The condition wasFlagged will execute for any status that is not 'malicious' or 'suspicious', including 'pending'. When verdictToStatus returns 'pending' (for unknown verdicts), calling approveSkillByHashInternal will treat it as clean (since isClean = !isMalicious && !isSuspicious) and clear the suspicious flag even though the verdict is actually pending, not clean. The condition should explicitly check that the status is 'clean' before clearing flags.

[Copilot]

The call to approveSkillByHashInternal will not clear the suspicious flag for non-privileged users due to a bug in that function's logic. In approveSkillByHashInternal at line 2614, the condition (isSuspicious || alreadyFlagged) && !bypassSuspicious will match when a previously-flagged skill gets a clean verdict, causing it to keep newFlags = ['flagged.suspicious'] instead of clearing the flag.
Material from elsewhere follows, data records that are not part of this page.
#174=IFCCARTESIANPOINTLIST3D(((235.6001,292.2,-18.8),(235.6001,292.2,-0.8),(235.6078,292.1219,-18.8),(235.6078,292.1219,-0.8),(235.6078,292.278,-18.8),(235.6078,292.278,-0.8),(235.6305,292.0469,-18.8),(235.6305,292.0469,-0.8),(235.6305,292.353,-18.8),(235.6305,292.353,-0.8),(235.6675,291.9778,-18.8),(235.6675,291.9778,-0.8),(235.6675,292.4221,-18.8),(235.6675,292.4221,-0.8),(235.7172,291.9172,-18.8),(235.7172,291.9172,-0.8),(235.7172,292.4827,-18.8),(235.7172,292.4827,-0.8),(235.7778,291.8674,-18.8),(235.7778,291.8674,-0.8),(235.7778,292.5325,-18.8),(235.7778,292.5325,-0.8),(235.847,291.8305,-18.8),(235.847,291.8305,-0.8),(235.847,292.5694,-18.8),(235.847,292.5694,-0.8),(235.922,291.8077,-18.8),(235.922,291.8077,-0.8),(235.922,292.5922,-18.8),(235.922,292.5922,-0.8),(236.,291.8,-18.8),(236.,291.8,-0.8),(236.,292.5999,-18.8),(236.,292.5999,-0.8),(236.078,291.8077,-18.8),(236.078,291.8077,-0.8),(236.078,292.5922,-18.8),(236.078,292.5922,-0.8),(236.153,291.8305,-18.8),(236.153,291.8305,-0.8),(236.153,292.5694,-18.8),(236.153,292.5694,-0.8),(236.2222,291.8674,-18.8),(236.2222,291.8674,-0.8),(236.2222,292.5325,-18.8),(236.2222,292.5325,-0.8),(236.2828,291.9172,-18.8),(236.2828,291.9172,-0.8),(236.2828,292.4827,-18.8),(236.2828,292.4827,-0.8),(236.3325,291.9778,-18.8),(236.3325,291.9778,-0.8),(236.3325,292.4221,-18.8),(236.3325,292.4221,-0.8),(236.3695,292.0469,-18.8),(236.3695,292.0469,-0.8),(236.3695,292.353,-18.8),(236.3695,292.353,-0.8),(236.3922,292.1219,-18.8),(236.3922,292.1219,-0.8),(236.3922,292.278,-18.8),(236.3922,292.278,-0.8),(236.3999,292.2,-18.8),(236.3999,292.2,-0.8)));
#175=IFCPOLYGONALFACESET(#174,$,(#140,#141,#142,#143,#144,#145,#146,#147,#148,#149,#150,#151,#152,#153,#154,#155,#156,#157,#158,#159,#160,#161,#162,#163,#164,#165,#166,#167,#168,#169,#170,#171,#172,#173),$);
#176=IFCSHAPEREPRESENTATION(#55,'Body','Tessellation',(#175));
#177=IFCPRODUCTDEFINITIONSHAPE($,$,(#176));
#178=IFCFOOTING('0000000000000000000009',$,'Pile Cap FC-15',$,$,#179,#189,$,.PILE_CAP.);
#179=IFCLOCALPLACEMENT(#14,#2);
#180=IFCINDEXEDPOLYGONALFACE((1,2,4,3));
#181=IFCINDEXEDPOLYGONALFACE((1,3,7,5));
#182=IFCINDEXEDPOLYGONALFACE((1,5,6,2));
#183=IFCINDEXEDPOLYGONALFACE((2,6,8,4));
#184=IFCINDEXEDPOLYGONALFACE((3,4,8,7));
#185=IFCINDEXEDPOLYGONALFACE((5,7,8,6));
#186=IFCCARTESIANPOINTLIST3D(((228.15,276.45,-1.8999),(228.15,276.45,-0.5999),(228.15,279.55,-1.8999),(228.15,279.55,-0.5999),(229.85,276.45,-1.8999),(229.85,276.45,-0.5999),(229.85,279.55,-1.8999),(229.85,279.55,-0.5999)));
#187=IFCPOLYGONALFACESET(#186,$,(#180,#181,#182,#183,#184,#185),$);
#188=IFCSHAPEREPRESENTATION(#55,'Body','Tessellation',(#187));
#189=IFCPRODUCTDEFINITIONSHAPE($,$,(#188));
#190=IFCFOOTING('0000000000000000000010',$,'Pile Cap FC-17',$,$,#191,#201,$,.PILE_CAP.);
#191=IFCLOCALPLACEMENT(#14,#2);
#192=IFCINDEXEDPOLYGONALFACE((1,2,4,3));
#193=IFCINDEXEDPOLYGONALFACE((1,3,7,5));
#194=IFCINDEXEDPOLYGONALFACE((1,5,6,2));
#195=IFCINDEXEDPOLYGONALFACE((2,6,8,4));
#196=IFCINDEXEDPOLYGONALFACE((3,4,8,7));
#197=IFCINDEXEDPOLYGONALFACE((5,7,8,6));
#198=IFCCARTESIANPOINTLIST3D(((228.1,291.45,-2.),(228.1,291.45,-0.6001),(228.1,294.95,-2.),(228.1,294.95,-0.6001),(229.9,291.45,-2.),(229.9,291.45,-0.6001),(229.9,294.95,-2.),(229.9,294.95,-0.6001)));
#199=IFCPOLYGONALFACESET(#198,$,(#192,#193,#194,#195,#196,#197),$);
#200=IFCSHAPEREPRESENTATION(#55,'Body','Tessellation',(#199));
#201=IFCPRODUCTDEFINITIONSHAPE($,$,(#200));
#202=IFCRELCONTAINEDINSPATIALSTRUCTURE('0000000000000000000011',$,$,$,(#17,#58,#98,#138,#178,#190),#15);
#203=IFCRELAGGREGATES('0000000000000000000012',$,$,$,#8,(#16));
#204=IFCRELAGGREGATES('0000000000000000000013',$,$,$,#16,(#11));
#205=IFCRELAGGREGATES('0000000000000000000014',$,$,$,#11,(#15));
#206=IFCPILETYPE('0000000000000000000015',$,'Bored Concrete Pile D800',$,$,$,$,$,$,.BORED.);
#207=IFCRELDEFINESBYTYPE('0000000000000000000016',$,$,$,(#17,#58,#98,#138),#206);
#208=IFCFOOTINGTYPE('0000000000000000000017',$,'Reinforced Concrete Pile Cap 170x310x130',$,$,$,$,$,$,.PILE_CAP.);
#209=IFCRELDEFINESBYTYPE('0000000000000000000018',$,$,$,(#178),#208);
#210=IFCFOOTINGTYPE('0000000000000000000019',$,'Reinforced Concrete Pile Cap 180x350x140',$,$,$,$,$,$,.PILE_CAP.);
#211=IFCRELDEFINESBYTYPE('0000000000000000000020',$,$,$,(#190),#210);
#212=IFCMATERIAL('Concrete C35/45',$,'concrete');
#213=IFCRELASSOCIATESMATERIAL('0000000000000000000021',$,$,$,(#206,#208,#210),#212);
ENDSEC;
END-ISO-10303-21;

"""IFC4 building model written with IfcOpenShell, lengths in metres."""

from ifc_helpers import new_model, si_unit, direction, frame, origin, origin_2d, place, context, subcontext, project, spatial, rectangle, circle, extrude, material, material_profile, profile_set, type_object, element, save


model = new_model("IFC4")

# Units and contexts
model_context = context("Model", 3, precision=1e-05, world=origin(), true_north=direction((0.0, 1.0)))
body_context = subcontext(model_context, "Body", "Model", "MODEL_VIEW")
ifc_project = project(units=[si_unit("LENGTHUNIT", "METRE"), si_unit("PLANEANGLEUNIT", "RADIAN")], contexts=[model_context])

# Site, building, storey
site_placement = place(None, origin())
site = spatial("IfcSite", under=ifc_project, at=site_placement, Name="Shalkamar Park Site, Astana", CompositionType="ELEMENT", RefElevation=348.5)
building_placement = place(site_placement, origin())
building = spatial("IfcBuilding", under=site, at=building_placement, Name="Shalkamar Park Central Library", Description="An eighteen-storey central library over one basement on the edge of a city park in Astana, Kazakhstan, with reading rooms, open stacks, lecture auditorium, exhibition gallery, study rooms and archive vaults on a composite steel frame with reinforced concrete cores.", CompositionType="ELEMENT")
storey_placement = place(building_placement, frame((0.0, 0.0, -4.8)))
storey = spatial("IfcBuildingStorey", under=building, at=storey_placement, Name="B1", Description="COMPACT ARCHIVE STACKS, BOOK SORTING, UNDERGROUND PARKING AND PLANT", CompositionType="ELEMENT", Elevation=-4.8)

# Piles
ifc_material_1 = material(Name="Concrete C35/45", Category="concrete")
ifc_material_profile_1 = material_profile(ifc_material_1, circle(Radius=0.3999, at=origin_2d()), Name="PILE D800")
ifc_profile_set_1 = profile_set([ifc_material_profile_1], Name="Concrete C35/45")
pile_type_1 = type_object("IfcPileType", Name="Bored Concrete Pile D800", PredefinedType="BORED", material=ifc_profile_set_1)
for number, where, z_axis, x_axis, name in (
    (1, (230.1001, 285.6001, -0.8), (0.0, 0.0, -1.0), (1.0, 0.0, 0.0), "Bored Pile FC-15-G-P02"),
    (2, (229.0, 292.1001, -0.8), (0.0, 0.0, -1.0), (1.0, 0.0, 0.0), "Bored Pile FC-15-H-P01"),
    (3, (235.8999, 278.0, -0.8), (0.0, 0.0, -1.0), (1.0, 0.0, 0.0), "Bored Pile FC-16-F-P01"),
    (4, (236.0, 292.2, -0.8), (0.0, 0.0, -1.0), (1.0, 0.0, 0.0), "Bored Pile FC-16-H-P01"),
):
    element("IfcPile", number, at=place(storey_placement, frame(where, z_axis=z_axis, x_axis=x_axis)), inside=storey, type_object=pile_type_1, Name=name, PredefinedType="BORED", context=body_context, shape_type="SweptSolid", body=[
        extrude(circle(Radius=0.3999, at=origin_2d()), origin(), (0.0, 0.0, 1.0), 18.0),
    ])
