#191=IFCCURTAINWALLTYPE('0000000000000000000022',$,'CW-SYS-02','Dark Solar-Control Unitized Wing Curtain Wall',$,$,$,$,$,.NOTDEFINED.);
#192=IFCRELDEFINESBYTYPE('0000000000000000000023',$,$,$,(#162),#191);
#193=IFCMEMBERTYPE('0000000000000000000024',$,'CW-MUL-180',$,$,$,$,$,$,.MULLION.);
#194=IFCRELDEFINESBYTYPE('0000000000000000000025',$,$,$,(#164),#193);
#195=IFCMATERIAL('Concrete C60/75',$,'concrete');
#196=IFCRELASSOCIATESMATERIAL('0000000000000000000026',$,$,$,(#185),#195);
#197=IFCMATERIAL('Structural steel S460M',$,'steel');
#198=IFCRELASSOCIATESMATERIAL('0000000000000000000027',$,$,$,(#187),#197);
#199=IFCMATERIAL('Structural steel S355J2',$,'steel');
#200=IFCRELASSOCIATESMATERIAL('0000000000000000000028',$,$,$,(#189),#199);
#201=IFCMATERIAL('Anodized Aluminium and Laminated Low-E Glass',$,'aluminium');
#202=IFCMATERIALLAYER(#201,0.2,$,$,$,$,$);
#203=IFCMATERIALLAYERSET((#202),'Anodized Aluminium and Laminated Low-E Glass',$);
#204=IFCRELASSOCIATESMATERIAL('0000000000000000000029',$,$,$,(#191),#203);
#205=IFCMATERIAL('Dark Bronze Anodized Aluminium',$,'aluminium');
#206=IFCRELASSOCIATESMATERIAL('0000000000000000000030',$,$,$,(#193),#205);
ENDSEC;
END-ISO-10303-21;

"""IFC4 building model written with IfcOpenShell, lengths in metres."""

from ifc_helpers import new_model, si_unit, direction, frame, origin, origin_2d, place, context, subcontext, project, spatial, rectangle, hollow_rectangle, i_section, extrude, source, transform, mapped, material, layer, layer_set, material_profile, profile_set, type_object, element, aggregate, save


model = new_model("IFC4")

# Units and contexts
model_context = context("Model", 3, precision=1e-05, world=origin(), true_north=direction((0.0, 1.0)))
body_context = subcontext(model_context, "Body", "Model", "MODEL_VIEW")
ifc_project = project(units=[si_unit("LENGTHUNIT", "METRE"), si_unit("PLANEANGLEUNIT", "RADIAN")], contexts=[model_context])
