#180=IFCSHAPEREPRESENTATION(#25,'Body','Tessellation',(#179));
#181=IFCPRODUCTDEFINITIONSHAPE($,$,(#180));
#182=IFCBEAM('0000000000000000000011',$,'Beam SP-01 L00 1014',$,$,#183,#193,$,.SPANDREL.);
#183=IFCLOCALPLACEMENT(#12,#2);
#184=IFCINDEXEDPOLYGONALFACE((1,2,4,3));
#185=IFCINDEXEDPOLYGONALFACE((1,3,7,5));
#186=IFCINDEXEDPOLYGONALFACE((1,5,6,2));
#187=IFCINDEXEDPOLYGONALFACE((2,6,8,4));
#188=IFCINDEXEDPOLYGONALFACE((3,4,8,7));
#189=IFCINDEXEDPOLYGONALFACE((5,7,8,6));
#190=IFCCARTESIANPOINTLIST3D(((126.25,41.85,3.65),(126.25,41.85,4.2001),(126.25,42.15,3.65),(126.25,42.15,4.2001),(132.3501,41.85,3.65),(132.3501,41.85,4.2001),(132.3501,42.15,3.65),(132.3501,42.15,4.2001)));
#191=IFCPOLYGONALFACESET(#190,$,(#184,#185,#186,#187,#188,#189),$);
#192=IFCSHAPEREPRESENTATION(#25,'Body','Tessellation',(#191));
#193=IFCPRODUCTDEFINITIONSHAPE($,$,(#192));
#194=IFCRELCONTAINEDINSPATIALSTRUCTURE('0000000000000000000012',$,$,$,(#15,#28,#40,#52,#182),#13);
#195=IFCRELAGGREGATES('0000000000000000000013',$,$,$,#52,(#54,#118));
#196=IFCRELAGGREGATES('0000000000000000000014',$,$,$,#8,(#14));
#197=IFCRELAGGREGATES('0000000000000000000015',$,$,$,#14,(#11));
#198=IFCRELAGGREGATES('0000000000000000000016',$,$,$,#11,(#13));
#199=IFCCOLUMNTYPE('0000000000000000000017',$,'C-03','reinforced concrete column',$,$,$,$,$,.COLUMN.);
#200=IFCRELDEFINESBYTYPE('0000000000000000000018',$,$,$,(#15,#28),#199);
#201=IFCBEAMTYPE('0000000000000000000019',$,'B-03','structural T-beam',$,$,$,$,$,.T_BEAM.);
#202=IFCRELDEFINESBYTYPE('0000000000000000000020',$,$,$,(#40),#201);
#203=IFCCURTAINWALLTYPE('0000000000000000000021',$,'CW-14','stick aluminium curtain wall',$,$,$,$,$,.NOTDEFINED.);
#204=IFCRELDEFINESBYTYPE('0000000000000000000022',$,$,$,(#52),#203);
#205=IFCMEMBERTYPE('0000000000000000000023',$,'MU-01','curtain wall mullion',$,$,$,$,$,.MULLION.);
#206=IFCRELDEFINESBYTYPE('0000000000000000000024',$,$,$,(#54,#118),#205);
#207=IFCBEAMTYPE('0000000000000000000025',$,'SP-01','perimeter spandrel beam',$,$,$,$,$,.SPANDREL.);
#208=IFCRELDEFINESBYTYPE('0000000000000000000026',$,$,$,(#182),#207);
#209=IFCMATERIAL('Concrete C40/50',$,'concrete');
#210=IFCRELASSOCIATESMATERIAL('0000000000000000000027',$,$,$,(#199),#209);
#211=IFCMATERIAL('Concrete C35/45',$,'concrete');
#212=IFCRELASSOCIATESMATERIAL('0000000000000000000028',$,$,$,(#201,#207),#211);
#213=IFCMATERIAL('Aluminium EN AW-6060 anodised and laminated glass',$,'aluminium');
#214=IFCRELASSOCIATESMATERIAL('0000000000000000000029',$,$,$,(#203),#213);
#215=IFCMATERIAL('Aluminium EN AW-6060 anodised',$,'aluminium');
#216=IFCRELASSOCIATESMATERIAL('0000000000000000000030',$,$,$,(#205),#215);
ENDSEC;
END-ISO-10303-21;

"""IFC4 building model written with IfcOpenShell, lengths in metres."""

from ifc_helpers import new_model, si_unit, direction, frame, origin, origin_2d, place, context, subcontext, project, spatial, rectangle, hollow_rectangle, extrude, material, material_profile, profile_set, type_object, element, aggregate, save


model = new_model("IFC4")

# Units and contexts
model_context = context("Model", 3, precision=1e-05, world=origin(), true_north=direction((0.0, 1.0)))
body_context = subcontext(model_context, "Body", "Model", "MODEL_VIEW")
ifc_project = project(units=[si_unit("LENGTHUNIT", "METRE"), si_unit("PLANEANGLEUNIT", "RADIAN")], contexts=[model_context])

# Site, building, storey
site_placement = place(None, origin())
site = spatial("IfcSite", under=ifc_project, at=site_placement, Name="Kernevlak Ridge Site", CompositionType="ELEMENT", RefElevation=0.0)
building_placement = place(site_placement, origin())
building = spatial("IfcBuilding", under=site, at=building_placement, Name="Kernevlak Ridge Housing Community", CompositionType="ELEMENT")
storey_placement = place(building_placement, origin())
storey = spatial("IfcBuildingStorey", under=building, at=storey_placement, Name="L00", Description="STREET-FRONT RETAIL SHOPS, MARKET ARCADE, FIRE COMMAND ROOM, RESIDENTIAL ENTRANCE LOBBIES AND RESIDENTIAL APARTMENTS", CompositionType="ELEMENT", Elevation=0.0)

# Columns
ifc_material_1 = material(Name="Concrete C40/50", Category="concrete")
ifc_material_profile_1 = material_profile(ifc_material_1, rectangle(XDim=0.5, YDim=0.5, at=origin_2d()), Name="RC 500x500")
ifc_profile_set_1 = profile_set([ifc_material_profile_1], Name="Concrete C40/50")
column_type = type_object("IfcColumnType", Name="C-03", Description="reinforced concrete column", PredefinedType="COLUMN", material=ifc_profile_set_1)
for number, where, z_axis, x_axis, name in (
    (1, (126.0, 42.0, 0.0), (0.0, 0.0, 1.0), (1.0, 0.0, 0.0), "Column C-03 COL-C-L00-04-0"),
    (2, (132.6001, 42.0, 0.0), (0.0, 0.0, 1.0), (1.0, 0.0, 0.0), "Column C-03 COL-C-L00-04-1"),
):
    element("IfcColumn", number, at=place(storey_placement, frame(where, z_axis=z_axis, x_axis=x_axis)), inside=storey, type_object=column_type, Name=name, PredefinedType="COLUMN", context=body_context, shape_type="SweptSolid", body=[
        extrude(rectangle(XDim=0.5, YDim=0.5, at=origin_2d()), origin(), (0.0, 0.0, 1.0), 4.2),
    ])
The isClean branch that checks for other scanners (line 2617-2624) never executes because the previous condition matches first. This means the PR's intended fix will not work as described - skills will remain flagged even when VT returns a clean verdict.

[Copilot]

This new functionality lacks test coverage. There should be a test that verifies a previously-flagged skill has its flagged.suspicious flag cleared when VT returns a clean verdict during rescan. This is especially important given the complexity of the multi-scanner flag merging logic in approveSkillByHashInternal.